Another important finding was that habit has a significant positive impact on behavioral intention to use e-health (β = 0.309, t = 3.754, p = 0). This finding complements earlier meta-analysis correlations studies into this brain area that relate the idea that IS systems’ prior experience influences their intention to use HIS [40]. This result is consistent with a study conducted in Portugal (β = 0.28, p < 0.001) [29], Taiwan(β = 0.308, p < 0.05) [54], and Ethiopia (β = 0.093, P < 0.05) [55]. The present findings seem to be consistent with other studies conducted in Ethiopia, which found that habit is one of the facilitators of the sustainable acceptance of e-health systems solutions in Ethiopia [19]. However, the findings of the current study do not support the previous study conducted in Northwest Ethiopia (β = 0.01, p > 0.05) [11]. A possible explanation for this might be related to the e-health system assessed from the prior study being in the implementation stage and not in use, since habit develops from prior experience the possible interface of habit on experience label cannot be ruled out. The findings reveal that habit significantly impacts e-health system use, emphasizing the crucial role of understanding and addressing user habits in theoretical and practical aspects of e-health adoption. This contributes to the knowledge based on e-health systems employees’ intention and highlights the importance of interventions and strategies focused on shaping positive e-health usage habits to enhance user acceptance and utilization of such systems.

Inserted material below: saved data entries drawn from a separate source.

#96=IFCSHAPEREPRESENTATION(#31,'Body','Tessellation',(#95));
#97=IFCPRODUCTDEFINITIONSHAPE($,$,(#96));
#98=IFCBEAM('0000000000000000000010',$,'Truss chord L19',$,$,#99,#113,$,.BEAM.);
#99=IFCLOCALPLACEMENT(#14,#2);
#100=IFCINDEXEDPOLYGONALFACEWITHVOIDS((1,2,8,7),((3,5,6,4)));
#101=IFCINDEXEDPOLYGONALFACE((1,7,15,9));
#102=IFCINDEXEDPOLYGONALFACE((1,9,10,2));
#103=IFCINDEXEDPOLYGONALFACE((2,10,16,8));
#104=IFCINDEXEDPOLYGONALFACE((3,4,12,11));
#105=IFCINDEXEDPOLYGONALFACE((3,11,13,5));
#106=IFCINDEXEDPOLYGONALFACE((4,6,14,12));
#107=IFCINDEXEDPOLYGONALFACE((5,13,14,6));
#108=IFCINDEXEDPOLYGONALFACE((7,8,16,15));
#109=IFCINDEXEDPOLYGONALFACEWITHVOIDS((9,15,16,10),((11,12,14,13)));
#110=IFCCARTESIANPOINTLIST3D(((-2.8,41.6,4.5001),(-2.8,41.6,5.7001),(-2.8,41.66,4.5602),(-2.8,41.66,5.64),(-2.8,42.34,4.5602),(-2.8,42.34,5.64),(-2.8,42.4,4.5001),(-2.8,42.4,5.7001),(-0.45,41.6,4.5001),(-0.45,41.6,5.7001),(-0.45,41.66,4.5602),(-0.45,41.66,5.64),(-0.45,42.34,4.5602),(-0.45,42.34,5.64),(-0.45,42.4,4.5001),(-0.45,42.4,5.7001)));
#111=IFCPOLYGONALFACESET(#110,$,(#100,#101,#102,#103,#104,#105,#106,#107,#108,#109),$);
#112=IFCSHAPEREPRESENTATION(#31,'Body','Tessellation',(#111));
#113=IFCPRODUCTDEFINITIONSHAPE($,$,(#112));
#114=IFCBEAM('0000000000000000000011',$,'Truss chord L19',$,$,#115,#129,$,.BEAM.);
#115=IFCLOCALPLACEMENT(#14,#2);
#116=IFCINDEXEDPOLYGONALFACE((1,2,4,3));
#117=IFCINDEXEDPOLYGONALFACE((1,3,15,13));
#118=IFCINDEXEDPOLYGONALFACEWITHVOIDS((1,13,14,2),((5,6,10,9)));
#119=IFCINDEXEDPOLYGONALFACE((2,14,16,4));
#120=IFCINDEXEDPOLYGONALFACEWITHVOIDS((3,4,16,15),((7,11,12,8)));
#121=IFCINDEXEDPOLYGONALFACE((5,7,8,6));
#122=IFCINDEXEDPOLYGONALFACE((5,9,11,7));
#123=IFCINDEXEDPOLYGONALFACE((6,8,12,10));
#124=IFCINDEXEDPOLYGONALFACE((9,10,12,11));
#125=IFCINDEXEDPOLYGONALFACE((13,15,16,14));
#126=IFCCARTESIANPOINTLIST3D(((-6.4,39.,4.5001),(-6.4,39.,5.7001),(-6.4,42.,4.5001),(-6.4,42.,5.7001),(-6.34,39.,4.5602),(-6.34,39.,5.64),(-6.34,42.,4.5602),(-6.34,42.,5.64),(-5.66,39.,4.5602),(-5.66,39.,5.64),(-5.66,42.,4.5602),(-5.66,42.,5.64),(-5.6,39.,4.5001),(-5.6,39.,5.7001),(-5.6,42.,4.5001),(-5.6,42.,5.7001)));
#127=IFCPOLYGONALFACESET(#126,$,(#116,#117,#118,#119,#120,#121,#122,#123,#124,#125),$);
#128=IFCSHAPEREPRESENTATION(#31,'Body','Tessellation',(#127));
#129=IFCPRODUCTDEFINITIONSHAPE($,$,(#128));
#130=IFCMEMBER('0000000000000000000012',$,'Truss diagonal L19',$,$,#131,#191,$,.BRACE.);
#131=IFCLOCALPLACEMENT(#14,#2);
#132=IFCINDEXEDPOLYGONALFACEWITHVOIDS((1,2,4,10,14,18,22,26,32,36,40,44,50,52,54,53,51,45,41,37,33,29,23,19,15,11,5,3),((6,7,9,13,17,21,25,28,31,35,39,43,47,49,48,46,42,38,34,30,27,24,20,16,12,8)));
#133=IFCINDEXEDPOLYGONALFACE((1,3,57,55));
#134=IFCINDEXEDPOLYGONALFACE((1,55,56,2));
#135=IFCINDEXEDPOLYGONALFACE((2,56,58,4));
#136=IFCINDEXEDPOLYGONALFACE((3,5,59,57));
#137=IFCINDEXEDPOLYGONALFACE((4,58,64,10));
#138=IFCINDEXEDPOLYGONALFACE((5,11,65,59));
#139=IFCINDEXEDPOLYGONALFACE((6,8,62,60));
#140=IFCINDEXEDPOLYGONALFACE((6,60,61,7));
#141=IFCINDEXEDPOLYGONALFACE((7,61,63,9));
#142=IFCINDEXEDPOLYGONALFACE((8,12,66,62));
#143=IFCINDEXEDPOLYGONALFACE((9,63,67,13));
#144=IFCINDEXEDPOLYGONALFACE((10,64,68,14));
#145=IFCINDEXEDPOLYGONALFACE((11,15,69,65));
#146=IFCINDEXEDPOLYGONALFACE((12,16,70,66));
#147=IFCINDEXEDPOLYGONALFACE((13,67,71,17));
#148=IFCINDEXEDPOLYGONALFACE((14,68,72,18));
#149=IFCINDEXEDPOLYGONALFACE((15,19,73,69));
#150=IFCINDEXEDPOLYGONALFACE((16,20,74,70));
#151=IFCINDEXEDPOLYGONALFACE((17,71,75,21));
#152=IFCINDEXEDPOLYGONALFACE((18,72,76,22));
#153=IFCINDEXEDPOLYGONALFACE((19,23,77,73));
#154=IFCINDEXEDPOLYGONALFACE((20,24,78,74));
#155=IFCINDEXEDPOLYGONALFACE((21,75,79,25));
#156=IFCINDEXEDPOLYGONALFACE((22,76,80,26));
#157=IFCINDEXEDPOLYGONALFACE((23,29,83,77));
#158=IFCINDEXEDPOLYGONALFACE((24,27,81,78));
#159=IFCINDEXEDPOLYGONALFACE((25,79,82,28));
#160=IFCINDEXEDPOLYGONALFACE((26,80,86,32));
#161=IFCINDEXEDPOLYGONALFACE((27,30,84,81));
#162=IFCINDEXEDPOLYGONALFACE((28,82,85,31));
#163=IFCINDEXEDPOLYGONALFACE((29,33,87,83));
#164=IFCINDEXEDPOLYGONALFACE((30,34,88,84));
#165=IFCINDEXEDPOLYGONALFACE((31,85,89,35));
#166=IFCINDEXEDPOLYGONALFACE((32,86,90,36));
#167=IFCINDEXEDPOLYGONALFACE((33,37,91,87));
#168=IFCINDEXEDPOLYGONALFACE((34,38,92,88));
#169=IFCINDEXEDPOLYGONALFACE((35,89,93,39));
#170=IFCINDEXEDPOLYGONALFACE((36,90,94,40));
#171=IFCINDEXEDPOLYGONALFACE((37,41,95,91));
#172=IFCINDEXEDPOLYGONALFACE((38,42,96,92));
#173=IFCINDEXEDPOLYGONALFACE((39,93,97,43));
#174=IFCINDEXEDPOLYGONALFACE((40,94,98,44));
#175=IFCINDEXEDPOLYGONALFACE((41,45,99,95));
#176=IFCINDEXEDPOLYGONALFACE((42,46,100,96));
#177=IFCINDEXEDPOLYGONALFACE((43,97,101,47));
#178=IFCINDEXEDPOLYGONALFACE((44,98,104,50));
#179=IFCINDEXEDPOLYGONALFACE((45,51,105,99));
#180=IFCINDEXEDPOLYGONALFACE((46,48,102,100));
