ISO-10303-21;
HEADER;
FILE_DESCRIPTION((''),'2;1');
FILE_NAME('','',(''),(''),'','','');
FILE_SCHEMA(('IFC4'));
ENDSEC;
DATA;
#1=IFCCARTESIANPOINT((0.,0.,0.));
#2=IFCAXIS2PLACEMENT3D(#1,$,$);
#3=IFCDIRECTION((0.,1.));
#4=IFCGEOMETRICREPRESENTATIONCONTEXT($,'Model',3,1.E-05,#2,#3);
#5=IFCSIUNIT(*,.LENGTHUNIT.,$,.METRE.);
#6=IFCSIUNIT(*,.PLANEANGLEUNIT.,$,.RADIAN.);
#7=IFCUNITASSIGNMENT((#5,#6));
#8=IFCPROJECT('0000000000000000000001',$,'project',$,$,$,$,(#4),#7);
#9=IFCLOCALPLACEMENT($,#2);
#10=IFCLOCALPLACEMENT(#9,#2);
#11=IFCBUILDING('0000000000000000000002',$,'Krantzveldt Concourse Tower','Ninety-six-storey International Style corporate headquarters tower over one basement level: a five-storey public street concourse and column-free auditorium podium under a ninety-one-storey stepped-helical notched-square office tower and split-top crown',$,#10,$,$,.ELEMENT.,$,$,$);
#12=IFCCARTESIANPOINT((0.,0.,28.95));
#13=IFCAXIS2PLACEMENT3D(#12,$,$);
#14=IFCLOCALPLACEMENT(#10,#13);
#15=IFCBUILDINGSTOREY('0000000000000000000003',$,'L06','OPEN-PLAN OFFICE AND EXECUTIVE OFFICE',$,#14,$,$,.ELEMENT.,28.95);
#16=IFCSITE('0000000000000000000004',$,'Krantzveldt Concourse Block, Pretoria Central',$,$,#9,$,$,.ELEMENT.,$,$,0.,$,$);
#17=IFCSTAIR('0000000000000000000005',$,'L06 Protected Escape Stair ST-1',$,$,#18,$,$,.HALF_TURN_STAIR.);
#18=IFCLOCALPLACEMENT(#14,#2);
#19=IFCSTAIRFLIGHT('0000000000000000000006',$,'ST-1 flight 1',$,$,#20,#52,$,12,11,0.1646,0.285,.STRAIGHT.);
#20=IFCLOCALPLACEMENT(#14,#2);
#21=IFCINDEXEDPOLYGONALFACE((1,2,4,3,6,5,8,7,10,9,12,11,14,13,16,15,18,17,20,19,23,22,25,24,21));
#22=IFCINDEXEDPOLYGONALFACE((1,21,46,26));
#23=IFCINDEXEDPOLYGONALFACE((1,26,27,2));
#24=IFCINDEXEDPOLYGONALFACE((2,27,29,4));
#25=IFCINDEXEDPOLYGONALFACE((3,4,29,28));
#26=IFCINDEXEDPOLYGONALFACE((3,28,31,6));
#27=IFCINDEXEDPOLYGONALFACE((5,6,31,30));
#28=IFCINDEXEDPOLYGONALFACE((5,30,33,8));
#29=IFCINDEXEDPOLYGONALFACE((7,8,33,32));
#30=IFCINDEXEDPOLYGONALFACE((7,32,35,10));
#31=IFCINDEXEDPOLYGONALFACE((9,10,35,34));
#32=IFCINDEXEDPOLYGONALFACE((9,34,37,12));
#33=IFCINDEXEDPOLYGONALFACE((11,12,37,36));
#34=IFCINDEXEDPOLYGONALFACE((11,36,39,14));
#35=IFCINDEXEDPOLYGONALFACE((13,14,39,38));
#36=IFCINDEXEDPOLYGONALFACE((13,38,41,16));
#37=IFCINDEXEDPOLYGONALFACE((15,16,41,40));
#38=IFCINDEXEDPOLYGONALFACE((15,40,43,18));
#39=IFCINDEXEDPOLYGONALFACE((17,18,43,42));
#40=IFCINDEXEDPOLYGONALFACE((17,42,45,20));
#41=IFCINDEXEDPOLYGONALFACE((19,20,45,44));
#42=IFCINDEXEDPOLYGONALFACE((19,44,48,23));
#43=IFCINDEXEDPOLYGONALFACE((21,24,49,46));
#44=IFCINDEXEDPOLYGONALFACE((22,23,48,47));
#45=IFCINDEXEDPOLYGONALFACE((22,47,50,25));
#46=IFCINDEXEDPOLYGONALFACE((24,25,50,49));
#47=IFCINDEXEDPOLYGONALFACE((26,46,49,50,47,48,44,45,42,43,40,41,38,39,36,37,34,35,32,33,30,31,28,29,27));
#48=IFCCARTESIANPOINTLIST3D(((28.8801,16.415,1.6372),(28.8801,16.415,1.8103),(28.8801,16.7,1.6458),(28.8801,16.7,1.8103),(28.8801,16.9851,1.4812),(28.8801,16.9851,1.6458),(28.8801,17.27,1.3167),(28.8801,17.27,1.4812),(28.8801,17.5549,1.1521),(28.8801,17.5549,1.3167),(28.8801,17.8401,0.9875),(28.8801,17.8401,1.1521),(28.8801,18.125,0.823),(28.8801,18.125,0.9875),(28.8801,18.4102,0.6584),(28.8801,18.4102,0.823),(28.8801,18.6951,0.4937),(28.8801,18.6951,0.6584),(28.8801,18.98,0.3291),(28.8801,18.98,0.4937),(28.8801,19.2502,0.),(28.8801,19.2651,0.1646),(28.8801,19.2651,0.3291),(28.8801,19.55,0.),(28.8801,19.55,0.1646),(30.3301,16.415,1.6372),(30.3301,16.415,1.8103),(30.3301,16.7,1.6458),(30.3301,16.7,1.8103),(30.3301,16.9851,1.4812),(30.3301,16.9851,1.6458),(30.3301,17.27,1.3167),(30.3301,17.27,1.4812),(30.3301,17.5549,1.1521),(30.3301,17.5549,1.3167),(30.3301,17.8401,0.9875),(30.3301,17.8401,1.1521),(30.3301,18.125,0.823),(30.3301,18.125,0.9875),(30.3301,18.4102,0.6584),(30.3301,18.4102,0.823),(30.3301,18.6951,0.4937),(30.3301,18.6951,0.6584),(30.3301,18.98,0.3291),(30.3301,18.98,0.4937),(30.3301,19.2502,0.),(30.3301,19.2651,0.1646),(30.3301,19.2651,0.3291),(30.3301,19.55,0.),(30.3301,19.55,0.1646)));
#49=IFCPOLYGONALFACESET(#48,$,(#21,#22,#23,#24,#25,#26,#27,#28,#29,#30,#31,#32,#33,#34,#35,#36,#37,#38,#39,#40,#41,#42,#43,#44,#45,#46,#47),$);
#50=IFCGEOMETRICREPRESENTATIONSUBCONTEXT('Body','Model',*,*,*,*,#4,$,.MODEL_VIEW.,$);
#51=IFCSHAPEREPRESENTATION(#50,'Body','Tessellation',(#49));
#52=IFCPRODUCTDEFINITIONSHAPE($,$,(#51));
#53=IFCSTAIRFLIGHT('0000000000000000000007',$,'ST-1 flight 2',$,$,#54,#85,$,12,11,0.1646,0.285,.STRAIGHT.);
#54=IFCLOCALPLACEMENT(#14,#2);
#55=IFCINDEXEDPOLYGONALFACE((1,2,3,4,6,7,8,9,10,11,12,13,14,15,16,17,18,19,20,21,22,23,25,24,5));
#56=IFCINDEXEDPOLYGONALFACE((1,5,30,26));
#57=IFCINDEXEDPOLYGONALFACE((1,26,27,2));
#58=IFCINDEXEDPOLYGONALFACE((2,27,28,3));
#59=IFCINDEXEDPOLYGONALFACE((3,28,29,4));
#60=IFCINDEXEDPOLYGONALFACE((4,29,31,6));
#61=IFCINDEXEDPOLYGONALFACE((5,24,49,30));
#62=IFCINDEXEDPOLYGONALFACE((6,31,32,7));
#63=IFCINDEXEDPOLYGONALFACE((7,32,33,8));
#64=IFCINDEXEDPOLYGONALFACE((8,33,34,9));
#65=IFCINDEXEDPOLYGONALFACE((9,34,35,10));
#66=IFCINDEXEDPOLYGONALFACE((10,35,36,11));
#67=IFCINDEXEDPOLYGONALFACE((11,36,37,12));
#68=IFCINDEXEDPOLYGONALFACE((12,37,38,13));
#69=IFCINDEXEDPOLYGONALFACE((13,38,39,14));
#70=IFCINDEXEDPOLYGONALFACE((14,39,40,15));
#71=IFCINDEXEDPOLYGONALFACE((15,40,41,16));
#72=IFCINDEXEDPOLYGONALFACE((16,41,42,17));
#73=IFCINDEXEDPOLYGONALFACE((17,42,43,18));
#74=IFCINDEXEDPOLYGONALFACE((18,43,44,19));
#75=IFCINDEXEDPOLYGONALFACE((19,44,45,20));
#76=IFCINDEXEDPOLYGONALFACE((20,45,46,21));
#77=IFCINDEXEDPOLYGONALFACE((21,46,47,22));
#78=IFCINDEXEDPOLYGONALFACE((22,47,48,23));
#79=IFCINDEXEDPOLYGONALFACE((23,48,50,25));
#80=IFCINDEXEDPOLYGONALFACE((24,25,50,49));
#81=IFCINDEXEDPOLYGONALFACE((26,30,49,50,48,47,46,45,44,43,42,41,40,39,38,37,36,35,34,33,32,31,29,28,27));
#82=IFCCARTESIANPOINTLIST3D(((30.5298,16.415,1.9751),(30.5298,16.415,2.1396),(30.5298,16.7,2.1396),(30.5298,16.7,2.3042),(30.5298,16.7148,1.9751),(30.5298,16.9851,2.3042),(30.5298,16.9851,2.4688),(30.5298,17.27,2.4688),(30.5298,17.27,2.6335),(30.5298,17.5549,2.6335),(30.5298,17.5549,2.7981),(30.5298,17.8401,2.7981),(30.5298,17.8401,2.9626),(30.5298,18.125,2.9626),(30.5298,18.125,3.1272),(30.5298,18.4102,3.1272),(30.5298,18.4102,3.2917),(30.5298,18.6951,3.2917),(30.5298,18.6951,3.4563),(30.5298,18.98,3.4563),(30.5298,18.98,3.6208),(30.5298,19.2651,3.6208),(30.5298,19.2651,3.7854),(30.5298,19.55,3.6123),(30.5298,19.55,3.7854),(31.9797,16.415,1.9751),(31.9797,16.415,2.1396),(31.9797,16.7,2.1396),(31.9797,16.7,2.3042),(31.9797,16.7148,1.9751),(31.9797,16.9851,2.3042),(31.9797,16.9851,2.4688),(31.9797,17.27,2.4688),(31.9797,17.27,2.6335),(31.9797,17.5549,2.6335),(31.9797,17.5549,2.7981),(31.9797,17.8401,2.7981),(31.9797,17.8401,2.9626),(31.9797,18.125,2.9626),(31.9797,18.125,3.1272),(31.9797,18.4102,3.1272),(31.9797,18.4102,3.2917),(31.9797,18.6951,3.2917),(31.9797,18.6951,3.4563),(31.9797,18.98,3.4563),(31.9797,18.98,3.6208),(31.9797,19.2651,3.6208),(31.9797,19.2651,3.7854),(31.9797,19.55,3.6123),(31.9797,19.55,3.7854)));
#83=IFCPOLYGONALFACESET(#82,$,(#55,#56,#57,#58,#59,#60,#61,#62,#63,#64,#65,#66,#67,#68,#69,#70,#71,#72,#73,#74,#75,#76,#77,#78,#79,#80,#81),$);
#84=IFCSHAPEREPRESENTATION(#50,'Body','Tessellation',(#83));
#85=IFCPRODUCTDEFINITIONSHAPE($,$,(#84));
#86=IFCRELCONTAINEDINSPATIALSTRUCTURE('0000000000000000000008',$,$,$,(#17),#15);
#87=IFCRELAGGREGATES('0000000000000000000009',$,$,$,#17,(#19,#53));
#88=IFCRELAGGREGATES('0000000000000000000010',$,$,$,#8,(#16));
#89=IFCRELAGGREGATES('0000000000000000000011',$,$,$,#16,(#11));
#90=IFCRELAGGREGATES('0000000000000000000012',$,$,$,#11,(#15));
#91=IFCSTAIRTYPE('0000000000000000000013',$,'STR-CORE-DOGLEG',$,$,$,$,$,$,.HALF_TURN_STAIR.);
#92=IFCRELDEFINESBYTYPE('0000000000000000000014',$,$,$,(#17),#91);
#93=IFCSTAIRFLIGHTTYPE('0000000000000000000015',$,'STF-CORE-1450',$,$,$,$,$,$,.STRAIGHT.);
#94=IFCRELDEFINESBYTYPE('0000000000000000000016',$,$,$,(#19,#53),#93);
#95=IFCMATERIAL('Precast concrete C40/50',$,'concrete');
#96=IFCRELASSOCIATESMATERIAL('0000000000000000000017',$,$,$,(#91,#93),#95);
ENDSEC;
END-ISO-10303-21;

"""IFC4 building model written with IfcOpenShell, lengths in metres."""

from ifc_helpers import new_model, si_unit, direction, frame, origin, place, context, subcontext, project, spatial, polyline, outline, extrude, material, type_object, element, aggregate, save


model = new_model("IFC4")

# Units and contexts
model_context = context("Model", 3, precision=1e-05, world=origin(), true_north=direction((0.0, 1.0)))
body_context = subcontext(model_context, "Body", "Model", "MODEL_VIEW")
ifc_project = project(units=[si_unit("LENGTHUNIT", "METRE"), si_unit("PLANEANGLEUNIT", "RADIAN")], contexts=[model_context])

# Site, building, storey
site_placement = place(None, origin())
site = spatial("IfcSite", under=ifc_project, at=site_placement, Name="Krantzveldt Concourse Block, Pretoria Central", CompositionType="ELEMENT", RefElevation=0.0)
building_placement = place(site_placement, origin())
building = spatial("IfcBuilding", under=site, at=building_placement, Name="Krantzveldt Concourse Tower", Description="Ninety-six-storey International Style corporate headquarters tower over one basement level: a five-storey public street concourse and column-free auditorium podium under a ninety-one-storey stepped-helical notched-square office tower and split-top crown", CompositionType="ELEMENT")
storey_placement = place(building_placement, frame((0.0, 0.0, 28.95)))
storey = spatial("IfcBuildingStorey", under=building, at=storey_placement, Name="L06", Description="OPEN-PLAN OFFICE AND EXECUTIVE OFFICE", CompositionType="ELEMENT", Elevation=28.95)

# Stair, stair flights
ifc_material_1 = material(Name="Precast concrete C40/50", Category="concrete")
stair_type = type_object("IfcStairType", Name="STR-CORE-DOGLEG", PredefinedType="HALF_TURN_STAIR", material=ifc_material_1)
stair_placement = place(storey_placement, origin())
stair = element("IfcStair", 1, at=stair_placement, inside=storey, type_object=stair_type, Name="L06 Protected Escape Stair ST-1", PredefinedType="HALF_TURN_STAIR")
stair_flight_type = type_object("IfcStairFlightType", Name="STF-CORE-1450", PredefinedType="STRAIGHT", material=ifc_material_1)
stair_flight_1_placement = place(storey_placement, frame((29.605, 19.55, 0.0), z_axis=(0.0, 0.0, 1.0), x_axis=(0.0, -1.0, 0.0)))
stair_flight_1 = element("IfcStairFlight", 2, at=stair_flight_1_placement, type_object=stair_flight_type, Name="ST-1 flight 1", NumberOfRisers=12, NumberOfTreads=11, PredefinedType="STRAIGHT", RiserHeight=0.1646, TreadLength=0.285, context=body_context, shape_type="SweptSolid", body=[
    extrude(outline(polyline([(0.0, 0.0), (0.0, 0.1646), (0.2849, 0.1646), (0.2849, 0.3291), (0.5701, 0.3291), (0.5701, 0.4937), (0.855, 0.4937), (0.855, 0.6584), (1.1399, 0.6584), (1.1399, 0.823), (1.425, 0.823), (1.425, 0.9875), (1.71, 0.9875), (1.71, 1.1521), (1.9951, 1.1521), (1.9951, 1.3167), (2.28, 1.3167), (2.28, 1.4812), (2.5649, 1.4812), (2.5649, 1.6458), (2.8501, 1.6458), (2.8501, 1.8103), (3.135, 1.8103), (3.135, 1.9751), (3.135, 1.6372), (0.2998, 0.0), (0.0, 0.0)])), frame((0.0, 0.7251, 0.0), z_axis=(0.0, -1.0, 0.0), x_axis=(1.0, 0.0, 0.0)), (0.0, 0.0, 1.0), 1.45),
])
stair_flight_2_placement = place(storey_placement, frame((31.2549, 16.415, 1.9751), z_axis=(0.0, 0.0, 1.0), x_axis=(0.0, 1.0, 0.0)))
stair_flight_2 = element("IfcStairFlight", 3, at=stair_flight_2_placement, type_object=stair_flight_type, Name="ST-1 flight 2", NumberOfRisers=12, NumberOfTreads=11, PredefinedType="STRAIGHT", RiserHeight=0.1646, TreadLength=0.285, context=body_context, shape_type="SweptSolid", body=[
    extrude(outline(polyline([(0.0, 0.0), (0.0, 0.1646), (0.2849, 0.1646), (0.2849, 0.3291), (0.5701, 0.3291), (0.5701, 0.4937), (0.855, 0.4937), (0.855, 0.6584), (1.1399, 0.6584), (1.1399, 0.823), (1.425, 0.823), (1.425, 0.9875), (1.71, 0.9875), (1.71, 1.1521), (1.9951, 1.1521), (1.9951, 1.3167), (2.28, 1.3167), (2.28, 1.4812), (2.5649, 1.4812), (2.5649, 1.6458), (2.8501, 1.6458), (2.8501, 1.8103), (3.135, 1.8103), (3.135, 1.9751), (3.135, 1.6372), (0.2998, 0.0), (0.0, 0.0)])), frame((0.0, 0.7251, 0.0), z_axis=(0.0, -1.0, 0.0), x_axis=(1.0, 0.0, 0.0)), (0.0, 0.0, 1.0), 1.45),
])
aggregate(stair, [stair_flight_1, stair_flight_2])

save(model, "model.ifc")
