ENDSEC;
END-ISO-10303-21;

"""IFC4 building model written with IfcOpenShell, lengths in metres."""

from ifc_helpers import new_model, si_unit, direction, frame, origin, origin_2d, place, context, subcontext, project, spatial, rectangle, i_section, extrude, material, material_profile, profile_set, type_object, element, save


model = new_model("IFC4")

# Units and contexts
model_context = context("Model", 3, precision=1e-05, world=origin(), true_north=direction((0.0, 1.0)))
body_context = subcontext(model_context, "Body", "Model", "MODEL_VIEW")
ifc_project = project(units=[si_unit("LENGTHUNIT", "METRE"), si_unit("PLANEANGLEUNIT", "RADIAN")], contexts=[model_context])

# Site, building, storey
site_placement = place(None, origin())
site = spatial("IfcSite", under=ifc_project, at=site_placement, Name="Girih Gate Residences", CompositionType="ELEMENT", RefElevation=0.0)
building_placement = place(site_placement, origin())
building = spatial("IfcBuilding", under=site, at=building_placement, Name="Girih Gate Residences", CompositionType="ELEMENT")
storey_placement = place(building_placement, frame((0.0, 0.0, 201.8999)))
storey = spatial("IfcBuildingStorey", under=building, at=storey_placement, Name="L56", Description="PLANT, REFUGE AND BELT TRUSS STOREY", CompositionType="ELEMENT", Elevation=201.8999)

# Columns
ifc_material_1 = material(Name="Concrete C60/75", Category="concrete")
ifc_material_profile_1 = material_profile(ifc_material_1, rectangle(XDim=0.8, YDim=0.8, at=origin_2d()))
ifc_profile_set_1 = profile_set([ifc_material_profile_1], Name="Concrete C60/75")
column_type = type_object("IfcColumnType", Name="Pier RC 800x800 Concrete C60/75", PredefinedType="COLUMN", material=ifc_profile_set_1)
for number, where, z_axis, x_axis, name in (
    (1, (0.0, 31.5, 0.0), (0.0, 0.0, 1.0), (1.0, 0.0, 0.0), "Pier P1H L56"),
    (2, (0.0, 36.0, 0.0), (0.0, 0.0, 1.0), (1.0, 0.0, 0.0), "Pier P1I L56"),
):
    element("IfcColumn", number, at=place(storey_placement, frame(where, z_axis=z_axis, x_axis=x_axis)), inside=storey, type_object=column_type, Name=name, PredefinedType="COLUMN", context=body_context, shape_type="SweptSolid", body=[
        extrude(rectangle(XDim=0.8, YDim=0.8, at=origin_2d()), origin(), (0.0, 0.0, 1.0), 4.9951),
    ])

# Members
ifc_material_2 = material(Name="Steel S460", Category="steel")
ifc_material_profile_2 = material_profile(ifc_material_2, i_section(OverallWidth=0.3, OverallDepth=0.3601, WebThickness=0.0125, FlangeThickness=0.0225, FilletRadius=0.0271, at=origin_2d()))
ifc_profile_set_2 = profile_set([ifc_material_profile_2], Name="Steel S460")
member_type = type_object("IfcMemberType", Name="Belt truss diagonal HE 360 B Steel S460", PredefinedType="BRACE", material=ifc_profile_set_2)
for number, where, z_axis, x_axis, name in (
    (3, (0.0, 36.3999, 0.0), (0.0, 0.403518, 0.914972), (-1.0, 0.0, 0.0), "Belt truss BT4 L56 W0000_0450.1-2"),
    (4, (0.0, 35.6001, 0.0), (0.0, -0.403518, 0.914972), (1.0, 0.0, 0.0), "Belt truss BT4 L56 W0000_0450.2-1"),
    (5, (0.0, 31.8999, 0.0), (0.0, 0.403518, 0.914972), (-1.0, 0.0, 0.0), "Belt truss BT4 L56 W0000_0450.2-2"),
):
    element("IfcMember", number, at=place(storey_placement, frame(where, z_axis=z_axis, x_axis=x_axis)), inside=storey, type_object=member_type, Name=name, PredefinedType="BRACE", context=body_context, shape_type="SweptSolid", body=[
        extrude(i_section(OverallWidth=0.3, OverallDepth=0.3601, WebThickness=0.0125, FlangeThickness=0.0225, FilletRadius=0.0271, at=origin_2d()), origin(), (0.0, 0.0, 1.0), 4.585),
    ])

The study found that performance expectancy has a positive effect on consumers’ intentions to use e-health (β = 0.179, t = 1.905, p = 0.028). This result is consistent with several studies conducted in different countries in China (β = 0.259, p < 0.001) [24], Portugal (β = 0.17, p < 0.001) [29], Northwest (β = 0.39, p < 0.001) [11] and Northern Ethiopia (β = 0.296, P < 0.001) [22]. The possible explanation for this finding is that the perceived benefits of e-health systems, such as increased productivity, better task prioritization, and improved work performance, positively influence individual’s intention to use e-health. For instance, the factor loadings (see Table 3) in the study further supported this idea, indicating the consumers’ behavioral intention to use e-health is associated with prioritizing important tasks and thereby increasing overall productivity. These findings highlight the importance of performance expectancy as a facilitator of sustainable acceptance of e-health system solutions in resource-limited settings [19]. Overall, the study suggests that performance expectancy plays a crucial role in promoting the intention to use e-health in southwest Ethiopia. Therefore, healthcare providers and policymakers should focus on enhancing the perceived benefits of e-health systems to improve their adoption and utilization by consumers.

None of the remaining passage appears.